2) If you roll any of the other five numbers you have to start over again, but now you start at roll 1 to try and get your "1". 
If E is the expected number of rolls to get "1", the recursive method says,
$E = (1/6)*(1 roll) + (5/6)*[(E + 1) rolls]$
So,
$E = (1/6) + (5/6)(E + 1)$ and solving for $E$ we get $E  = 6$.
There are also recursion methods for things like "What is the expected number of flips of 2 sided coin to get two consecutive heads", and other such problems involving questions like "how many rolls/flips/etc. to get somethings".  
My question is:
Is there a rigorous mathematical proof that such recursion methods always work?
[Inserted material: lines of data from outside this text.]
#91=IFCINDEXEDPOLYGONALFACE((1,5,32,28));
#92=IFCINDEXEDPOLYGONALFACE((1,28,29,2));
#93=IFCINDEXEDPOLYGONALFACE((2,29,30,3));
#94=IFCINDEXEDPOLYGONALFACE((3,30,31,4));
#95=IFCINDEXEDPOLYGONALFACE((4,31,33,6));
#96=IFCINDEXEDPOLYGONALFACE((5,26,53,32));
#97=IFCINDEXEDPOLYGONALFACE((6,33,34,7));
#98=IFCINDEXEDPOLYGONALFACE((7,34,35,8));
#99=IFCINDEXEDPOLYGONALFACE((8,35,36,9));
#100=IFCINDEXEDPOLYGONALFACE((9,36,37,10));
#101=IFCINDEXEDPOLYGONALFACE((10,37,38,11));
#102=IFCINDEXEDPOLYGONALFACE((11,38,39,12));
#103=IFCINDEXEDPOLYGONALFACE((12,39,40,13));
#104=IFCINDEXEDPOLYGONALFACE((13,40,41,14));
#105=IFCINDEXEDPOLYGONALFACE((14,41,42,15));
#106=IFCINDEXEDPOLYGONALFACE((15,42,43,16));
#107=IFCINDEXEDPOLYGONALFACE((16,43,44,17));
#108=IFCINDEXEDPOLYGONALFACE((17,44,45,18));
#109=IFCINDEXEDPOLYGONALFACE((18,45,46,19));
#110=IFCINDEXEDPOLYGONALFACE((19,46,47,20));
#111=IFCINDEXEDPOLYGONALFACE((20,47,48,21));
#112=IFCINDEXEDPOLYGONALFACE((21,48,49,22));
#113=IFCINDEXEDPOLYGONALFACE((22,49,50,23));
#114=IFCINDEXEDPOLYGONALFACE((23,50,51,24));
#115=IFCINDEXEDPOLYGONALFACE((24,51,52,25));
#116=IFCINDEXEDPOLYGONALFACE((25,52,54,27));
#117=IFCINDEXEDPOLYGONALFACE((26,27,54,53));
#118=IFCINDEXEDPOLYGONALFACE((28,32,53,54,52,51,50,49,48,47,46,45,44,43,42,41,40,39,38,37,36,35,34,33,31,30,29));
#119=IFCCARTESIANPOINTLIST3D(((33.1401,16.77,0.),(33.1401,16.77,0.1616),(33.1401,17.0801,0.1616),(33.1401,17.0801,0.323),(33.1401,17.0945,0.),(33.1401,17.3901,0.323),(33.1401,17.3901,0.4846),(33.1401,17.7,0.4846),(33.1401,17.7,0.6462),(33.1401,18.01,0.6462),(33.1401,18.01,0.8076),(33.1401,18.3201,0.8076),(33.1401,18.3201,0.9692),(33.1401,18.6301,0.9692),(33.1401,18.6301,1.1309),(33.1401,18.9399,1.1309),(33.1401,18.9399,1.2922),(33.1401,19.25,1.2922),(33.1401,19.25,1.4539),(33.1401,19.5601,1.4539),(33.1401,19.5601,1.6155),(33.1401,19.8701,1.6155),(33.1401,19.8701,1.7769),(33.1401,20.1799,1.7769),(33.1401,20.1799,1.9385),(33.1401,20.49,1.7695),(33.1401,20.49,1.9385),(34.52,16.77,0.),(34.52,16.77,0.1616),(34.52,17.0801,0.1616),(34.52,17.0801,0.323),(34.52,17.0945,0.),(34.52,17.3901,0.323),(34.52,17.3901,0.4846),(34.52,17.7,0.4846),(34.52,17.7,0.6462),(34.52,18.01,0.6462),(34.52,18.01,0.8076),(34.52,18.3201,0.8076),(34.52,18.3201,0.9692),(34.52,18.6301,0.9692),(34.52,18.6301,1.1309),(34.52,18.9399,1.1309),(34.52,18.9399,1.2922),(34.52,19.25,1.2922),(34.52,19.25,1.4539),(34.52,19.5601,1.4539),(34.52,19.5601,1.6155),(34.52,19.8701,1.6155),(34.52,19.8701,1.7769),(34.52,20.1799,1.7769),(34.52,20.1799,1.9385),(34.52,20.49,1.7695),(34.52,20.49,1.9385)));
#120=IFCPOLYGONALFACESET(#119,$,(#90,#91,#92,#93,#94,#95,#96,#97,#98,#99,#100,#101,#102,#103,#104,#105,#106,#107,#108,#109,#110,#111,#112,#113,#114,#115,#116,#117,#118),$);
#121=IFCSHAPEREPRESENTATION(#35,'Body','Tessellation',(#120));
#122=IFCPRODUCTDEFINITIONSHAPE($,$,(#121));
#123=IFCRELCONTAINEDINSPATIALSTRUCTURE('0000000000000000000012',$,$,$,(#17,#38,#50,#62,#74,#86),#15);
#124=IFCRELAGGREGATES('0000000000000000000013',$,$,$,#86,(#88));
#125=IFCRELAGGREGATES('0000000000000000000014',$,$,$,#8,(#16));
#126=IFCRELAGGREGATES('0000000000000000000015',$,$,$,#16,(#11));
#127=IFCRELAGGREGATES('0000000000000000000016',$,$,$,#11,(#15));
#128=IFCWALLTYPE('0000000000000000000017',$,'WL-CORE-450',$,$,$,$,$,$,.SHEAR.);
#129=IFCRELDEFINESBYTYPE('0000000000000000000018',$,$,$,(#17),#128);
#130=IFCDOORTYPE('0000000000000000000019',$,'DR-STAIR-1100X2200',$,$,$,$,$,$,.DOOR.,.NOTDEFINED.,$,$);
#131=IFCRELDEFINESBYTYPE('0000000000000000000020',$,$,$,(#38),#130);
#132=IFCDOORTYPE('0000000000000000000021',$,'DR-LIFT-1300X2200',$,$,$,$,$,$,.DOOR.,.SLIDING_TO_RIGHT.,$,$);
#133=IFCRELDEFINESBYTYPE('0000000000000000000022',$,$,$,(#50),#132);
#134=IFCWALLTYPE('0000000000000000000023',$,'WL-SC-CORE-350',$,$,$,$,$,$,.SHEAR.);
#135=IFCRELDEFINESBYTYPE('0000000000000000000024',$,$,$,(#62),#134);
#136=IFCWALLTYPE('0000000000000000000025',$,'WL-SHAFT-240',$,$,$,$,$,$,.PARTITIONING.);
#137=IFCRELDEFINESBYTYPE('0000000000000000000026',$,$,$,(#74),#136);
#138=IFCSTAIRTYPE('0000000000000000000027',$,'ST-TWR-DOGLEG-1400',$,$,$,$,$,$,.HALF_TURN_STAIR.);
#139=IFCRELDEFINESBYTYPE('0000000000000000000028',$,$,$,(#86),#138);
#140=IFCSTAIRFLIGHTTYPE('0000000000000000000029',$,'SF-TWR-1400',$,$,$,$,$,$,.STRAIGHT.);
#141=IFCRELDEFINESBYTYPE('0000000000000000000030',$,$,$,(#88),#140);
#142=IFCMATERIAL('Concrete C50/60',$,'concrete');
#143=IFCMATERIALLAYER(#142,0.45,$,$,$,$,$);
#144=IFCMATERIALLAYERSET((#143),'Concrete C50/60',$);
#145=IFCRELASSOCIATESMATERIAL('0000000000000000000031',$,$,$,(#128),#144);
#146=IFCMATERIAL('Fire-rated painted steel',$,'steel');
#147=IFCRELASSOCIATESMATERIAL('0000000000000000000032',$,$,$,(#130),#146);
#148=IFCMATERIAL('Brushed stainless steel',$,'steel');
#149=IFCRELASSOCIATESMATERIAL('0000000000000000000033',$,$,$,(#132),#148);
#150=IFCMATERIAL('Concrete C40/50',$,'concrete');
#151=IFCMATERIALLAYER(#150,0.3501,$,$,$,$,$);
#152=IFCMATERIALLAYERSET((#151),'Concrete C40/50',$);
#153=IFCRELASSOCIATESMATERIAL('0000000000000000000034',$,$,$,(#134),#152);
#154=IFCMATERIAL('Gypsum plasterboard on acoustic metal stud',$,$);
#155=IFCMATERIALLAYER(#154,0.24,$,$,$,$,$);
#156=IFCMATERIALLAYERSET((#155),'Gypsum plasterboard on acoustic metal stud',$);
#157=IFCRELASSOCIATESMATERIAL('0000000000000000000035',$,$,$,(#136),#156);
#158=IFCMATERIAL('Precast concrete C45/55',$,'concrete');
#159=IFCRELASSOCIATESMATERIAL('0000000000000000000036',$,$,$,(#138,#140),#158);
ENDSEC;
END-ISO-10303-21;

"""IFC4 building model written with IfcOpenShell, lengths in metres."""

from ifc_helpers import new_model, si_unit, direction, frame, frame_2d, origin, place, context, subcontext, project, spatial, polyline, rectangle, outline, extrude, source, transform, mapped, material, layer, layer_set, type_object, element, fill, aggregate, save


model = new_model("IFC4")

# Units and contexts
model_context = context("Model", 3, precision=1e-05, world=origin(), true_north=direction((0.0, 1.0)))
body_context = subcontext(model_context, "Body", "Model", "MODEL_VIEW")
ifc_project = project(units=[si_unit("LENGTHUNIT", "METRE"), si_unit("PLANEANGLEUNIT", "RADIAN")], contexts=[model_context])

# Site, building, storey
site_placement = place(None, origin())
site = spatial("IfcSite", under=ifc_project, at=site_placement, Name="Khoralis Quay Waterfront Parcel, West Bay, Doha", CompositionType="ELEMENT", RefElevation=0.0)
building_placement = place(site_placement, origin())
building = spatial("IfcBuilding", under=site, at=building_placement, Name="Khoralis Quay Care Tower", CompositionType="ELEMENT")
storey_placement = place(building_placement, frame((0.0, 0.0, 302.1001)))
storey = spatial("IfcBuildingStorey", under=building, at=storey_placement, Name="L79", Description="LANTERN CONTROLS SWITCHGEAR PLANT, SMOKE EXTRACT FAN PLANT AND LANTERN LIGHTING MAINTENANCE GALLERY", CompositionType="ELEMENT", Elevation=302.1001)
By rigorous I mean please start with the definition of expectation as the integral of the random var. over its sample space. From this definition, can you prove the recursion method? Even if you prove it for a specific example that would be OK too.
The issue I am having is that the recursion method seems "intuitive" (it could be rigorous, but no book has proved it that I've read!) and I do not see where the definition of expectation (as an integral) is used in the method.  The recursion method seems to be "trick" books discuss, but never relate to the definition of expectation as the integral of the function.
 A: In probability theory, conditional expectations are rigorously defined so that, for instance, for a pair of random variables $X$ and $Y$ defined on the same probability space,
$$
\mathbb{E}\left[X\right]{}={}\mathbb{E}\left[\mathbb{E}\left[X \big| Y\right]\right]\,.
$$
This is also true if "$Y$" above is replaced by a suitable collection of probabilistic "events" $A$ (if you are interested, the technical term for this collection is a Sigma-algebra), so that
$$
\mathbb{E}\left[\mathbb{E}\left[X \big| A\right]\right]
$$
also makes sense. In any probabilistic experiment, therefore, computing expectations recursively simply requires identifying those mutually exclusive events on which to compute these conditional expectations on.
Edit:
A simple application of this can be seen as follows. For a discrete random variable $X$ describing an experiment that can either terminate or repeat (with suitable independence assumptions), we have 
$$
\begin{eqnarray*}
\mathbb{E}\left[X\right]{}={}\mathbb{E}\left[X \big| X\mbox{ ends}\right]P(X\mbox{ ends}){}+{}\mathbb{E}\left[X \big| X\mbox{ starts again}\right]P(X\mbox{ starts again})\,.
\end{eqnarray*}
$$ 
But, with suitable independence assumptions,
$$
\mathbb{E}\left[X \big| X\mbox{ starts again}\right]{}={}\mathbb{E}\left[X \right]\,,
$$
which is why the recursion works.
More explicitly, using the example in the question, consider the following Measurable space.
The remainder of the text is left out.